Regarding complete(), as I designed the program I realized that I could allocate all the memory required for the output file up front, rather than using rbind(). Even though I initially used a for() loop for this function, instead of building the output data frame with rbind() I directly wrote the ID and nobs values to the data frame by using vector subscripting. Therefore, the one line version of this function was not significantly faster than the original.

Interestingly, corr() processes a maximum of 323 correlations when the threshold argument is set to 1 because there are 9 sensor files that contain zero complete cases. The maximum number of complete cases for any sensor file is 1,095.

Code that Scales Well: execution time as data size increases

To assess the scalability of the code I generated performance timings with arguments that would process the minimum amount of data -- one sensor file for pollutantmean() and complete(), and setting the threshold argument high enough that a single correlation is calculated.

As expected, the response time for pollutantmean() is much closer to that of oneline_pollutantmean().
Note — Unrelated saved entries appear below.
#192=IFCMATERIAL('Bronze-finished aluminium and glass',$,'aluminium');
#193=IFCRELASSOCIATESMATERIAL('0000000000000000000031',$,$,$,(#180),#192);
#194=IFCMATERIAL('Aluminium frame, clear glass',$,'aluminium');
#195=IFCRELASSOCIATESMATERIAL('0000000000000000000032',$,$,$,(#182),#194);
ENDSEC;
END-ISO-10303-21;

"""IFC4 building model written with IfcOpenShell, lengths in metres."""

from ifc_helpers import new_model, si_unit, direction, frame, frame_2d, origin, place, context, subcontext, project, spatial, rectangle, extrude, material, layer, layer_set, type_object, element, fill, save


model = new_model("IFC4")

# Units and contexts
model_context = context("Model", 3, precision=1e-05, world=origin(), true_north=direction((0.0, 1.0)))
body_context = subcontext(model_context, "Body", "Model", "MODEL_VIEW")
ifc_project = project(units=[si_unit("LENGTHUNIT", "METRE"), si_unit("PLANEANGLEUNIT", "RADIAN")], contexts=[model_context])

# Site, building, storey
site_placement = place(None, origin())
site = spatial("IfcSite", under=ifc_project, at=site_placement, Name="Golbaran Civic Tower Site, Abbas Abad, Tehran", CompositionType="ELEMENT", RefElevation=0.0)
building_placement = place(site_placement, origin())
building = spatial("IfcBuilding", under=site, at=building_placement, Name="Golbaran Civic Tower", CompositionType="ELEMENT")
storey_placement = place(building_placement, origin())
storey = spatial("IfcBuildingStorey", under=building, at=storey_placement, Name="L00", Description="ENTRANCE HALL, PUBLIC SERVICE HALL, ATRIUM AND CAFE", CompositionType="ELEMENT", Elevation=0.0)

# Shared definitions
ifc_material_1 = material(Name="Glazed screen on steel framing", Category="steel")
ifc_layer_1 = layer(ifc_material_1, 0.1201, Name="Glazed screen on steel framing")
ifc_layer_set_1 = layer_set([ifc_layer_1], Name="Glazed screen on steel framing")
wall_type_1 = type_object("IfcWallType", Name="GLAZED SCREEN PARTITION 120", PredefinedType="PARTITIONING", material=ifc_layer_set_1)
However, the response for corr() is slower with a higher threshold value than it is with a lower threshold. If I needed to run this function in a production process, I would investigate the "counterintuitive" response time performance.

FunctionOriginalOptimized
pollutantmean(): 1 file0.0070.012
pollutantmean(): 332 files42.3052.282
complete(): 1 file0.0070.006
complete(): 332 files2.5552.507
corr(): 1 file3.0552.615
corr(): 323 files2.6322.618

Note that the one line versions of pollutantmean(), complete() and corr() were definitely not my original versions of these programs. My first attempts used for() loops because I had background in other programming languages where for() loops weren't as inefficient as they are in R, and I was following the advice I give in Strategy for the Programming Assignments, where I share the old programming aphorism "make it work, make it right, make it fast".

My original solution of pollutantmean() covered "make it work" and "make it right," because it produced the correct results, a weighted mean of non-missing cases for all sensor files that are specified by the id argument passed to the function. As I developed more skill with R, I was able to refactor the code into functions that perform well, use R more as it is intended, and with fewer overall programming statements.

Appendix 1: Machine Configuration

All performance timings were run on an Apple Macbook Pro 13 with the following specifications.

Computer Configuration
Apple Macbook Pro
  • Operating system: OS X Sierra 10.12.3 (16D32)
  • Processor: Intel i5 at 2.6Ghz, turbo up to 3.3Ghz, two cores
  • Memory: 8 gigabytes
  • Disk: 512 gigabytes, solid state drive
  • Date built: April 2013

Appendix 2: Additional Articles that Measure R performance

For additional background on the measurement of R performance, please review the following articles.

  • Advanced R: Performance The Performance chapter from Hadley Wickham's book, Advanced R, which explains techniques for measuring and improving the perfrmance of an R program.

  • Course Project - Improving Runtime Performance of Random Forest Models with caret::train() Explains how the choice of parameters and use of multithreading can improve the performance of caret::train() by 58% on a machine with a fast processor.

  • Efficient R Programming guides the reader through the process to set up an R environment, and then explains how to write efficient R code, that is, code which consumes fewer resources and runs faster than code written by a typical beginning R porgrammer. The URL listed here is for the online version of the book, available free on github.io.

  • Real World Example: Reading American Community Survey data Illustrates concepts covered in Getting and Cleaning Data with U.S. Census data, including how to process a hierarchical file format in R, and how the choice of functions used to read the data impact the runtime of the program.